Licenciamento ambiental
Um dos temas mais polêmicos, já em debate no âmbito do Executivo, tem sido o licenciamento ambiental. A flexibilização das regras é vista por integrantes do governo como uma forma de destravar investimentos. Em entrevista à Agência Brasil logo após visitar a região atingida pelo rompimento de barragens de rejeitos minerais em Brumadinho, o ministro do Meio Ambiente, Ricardo Salles, afirmou que a ideia seria aplicável apenas a empreendimentos de pequeno porte. Ele disse que “precisa haver foco na atuação. Em situações de maior risco, maior complexidade, [é preciso] ter as equipes de licenciamento ambiental com foco, com dedicação”.
Consultor legislativo do Senado na área de meio ambiente, Joaquim Maia Neto afirma ser necessário distinguir o que seria uma mudança das regras para dar maior segurança jurídica e agilidade nos processos e o que seria, simplesmente, afrouxar o controle ambiental, que traria prejuízo à sociedade. Ele admite a necessidade de alguma alteração. A seu ver, por exemplo, deveria ser permitido o aproveitamento de estudos ambientais de empreendimentos anteriores em licenciamentos de obras ou atividades geograficamente próximas a outras anteriormente licenciadas. Proposta com esse objetivo (PLS 458/2018), do senador José Serra (PSDB-SP), aguarda designação de relator na Comissão de Meio Ambiente (CMA).

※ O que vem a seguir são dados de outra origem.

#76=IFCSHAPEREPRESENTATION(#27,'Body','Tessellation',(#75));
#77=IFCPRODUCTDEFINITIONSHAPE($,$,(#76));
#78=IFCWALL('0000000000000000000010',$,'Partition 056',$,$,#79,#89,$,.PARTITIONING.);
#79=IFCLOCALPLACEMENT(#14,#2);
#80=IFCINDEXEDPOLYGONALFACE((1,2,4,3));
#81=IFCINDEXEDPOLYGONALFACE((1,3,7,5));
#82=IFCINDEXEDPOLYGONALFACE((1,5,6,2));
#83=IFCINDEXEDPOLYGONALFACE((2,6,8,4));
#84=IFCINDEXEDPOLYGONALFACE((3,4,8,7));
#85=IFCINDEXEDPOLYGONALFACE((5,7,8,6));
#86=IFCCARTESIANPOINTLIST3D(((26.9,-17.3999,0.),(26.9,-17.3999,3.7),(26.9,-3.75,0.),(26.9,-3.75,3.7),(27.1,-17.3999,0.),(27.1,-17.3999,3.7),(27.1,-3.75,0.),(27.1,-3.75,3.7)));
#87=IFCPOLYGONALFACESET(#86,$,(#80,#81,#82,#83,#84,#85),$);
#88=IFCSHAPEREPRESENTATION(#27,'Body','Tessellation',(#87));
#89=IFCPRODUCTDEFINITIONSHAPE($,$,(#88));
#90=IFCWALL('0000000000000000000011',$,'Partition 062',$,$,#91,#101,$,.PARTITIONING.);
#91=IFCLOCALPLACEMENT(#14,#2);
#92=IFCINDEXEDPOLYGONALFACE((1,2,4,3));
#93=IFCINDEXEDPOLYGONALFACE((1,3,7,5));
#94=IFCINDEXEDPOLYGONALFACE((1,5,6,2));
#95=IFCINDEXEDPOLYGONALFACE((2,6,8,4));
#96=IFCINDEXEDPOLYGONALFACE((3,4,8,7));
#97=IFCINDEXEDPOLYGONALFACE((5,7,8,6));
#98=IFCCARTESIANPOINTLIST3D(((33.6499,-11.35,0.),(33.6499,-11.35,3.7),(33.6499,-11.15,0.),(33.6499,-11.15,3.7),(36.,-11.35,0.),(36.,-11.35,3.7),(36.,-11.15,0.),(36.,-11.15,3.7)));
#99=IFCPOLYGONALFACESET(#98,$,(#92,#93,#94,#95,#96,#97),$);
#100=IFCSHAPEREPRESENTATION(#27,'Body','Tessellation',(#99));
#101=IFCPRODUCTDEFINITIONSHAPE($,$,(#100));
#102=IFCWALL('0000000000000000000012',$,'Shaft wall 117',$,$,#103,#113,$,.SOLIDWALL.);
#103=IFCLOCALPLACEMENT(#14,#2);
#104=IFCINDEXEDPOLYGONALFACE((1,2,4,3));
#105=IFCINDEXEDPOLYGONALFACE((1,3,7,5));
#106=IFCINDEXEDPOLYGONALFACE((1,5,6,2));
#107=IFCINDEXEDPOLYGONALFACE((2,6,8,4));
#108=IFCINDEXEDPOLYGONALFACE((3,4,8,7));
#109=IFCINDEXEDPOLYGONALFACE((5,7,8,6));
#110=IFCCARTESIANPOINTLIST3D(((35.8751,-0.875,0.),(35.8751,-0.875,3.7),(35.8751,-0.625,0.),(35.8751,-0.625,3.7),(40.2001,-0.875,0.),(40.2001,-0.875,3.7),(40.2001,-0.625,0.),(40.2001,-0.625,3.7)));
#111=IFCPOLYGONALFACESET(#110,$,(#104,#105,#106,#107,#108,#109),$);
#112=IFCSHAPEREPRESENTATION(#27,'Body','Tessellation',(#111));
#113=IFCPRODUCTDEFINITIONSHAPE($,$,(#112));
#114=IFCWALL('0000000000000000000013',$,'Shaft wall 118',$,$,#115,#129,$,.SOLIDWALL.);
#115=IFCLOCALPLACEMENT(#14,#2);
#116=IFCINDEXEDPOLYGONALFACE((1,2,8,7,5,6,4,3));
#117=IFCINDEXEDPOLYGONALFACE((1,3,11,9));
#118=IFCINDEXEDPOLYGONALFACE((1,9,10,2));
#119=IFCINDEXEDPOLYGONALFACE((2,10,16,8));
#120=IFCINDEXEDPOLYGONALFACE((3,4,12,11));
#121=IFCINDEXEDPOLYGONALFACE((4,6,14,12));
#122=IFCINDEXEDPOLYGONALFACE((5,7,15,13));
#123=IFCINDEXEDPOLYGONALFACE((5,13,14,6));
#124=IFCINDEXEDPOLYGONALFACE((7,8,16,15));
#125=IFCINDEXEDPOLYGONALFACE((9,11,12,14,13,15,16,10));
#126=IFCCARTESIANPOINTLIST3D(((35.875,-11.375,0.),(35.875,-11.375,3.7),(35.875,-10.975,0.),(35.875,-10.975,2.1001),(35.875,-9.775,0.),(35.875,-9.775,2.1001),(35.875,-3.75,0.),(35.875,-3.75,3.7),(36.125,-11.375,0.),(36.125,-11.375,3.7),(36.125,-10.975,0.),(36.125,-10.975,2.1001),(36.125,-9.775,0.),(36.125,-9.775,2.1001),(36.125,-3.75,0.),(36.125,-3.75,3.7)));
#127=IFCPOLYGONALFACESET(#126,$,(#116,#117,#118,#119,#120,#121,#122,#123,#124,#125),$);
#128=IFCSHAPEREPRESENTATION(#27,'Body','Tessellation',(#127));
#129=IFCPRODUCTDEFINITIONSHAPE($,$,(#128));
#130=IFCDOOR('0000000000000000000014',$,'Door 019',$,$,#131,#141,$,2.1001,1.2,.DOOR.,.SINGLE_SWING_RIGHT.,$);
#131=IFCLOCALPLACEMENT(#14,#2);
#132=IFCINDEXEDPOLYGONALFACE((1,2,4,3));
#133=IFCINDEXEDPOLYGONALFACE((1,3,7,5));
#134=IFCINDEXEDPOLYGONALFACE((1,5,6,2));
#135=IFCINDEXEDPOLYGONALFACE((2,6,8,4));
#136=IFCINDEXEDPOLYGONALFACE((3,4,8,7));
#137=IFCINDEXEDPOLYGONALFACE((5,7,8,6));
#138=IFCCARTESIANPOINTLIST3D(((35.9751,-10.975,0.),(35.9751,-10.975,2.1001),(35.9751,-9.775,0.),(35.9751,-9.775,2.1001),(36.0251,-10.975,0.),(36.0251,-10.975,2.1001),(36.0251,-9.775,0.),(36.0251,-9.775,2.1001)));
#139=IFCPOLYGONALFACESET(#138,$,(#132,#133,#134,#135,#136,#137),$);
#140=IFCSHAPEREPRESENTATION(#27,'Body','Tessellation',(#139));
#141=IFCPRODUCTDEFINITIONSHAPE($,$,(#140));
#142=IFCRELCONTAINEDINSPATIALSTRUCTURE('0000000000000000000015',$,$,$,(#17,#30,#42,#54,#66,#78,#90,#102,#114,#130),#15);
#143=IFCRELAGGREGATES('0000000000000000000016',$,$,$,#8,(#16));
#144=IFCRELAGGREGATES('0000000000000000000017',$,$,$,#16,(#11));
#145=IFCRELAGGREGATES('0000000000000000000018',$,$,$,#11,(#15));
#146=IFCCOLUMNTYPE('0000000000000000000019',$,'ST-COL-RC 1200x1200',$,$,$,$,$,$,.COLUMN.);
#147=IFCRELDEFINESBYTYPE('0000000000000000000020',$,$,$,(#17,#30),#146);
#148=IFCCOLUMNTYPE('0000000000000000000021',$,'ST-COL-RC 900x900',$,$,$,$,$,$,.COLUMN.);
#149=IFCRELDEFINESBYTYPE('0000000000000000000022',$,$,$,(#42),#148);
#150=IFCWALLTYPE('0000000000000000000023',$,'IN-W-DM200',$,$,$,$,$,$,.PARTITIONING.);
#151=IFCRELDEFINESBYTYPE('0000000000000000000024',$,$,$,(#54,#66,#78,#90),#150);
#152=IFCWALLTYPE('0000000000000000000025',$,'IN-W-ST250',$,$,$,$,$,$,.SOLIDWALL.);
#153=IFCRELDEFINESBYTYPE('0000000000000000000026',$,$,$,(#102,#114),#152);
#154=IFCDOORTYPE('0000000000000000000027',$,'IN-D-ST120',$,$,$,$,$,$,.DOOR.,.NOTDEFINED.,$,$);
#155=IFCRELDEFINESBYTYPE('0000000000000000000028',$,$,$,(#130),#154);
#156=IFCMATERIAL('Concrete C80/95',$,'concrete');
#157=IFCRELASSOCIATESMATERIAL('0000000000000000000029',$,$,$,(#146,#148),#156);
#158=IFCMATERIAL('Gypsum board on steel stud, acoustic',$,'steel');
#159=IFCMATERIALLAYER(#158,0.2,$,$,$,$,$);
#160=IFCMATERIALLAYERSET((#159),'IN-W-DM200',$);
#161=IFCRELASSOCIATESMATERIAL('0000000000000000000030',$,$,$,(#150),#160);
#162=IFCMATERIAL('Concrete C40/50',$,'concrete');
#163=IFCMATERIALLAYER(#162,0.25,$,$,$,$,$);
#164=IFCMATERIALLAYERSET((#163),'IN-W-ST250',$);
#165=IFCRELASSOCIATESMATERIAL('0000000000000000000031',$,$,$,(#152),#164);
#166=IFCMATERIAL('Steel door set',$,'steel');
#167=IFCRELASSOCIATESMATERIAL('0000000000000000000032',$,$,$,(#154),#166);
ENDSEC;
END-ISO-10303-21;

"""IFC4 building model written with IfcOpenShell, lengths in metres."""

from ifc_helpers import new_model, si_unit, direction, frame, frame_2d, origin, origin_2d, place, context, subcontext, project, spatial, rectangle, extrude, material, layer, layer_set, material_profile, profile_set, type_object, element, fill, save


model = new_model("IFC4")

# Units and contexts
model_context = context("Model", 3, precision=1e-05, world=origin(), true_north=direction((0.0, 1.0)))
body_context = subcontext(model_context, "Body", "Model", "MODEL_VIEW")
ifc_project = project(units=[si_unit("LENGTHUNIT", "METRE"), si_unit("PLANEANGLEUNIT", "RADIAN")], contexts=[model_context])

O especialista também observa que seria possível definir melhor os termos de referência para cada tipologia de empreendimento para evitar que o empreendedor seja “surpreendido, a todo momento, com uma solicitação diferente” do poder público.
— Porém, o que tem sido discutido é um afrouxamento do controle ambiental e das exigências relacionadas à proteção ambiental, com o intuito apenas de reduzir custos e prazos para obtenção de licenças. Até o ‘autolicenciamento’, um procedimento em que o próprio empreendedor emitiria sua licença por meio da internet. Não concordo com essa linha. Não se pode abrir mão do papel do Estado de analisar previamente as propostas de atividades que impactem o meio ambiente, bem como de controlar o desenvolvimento dessas atividades, sob pena de sujeitar toda a população a prejuízos ambientais graves. O recente caso do desastre com a barragem em Brumadinho, apenas três anos depois de Mariana, demonstra que precisamos de maior controle estatal, e não o contrário — afirma o consultor do Senado.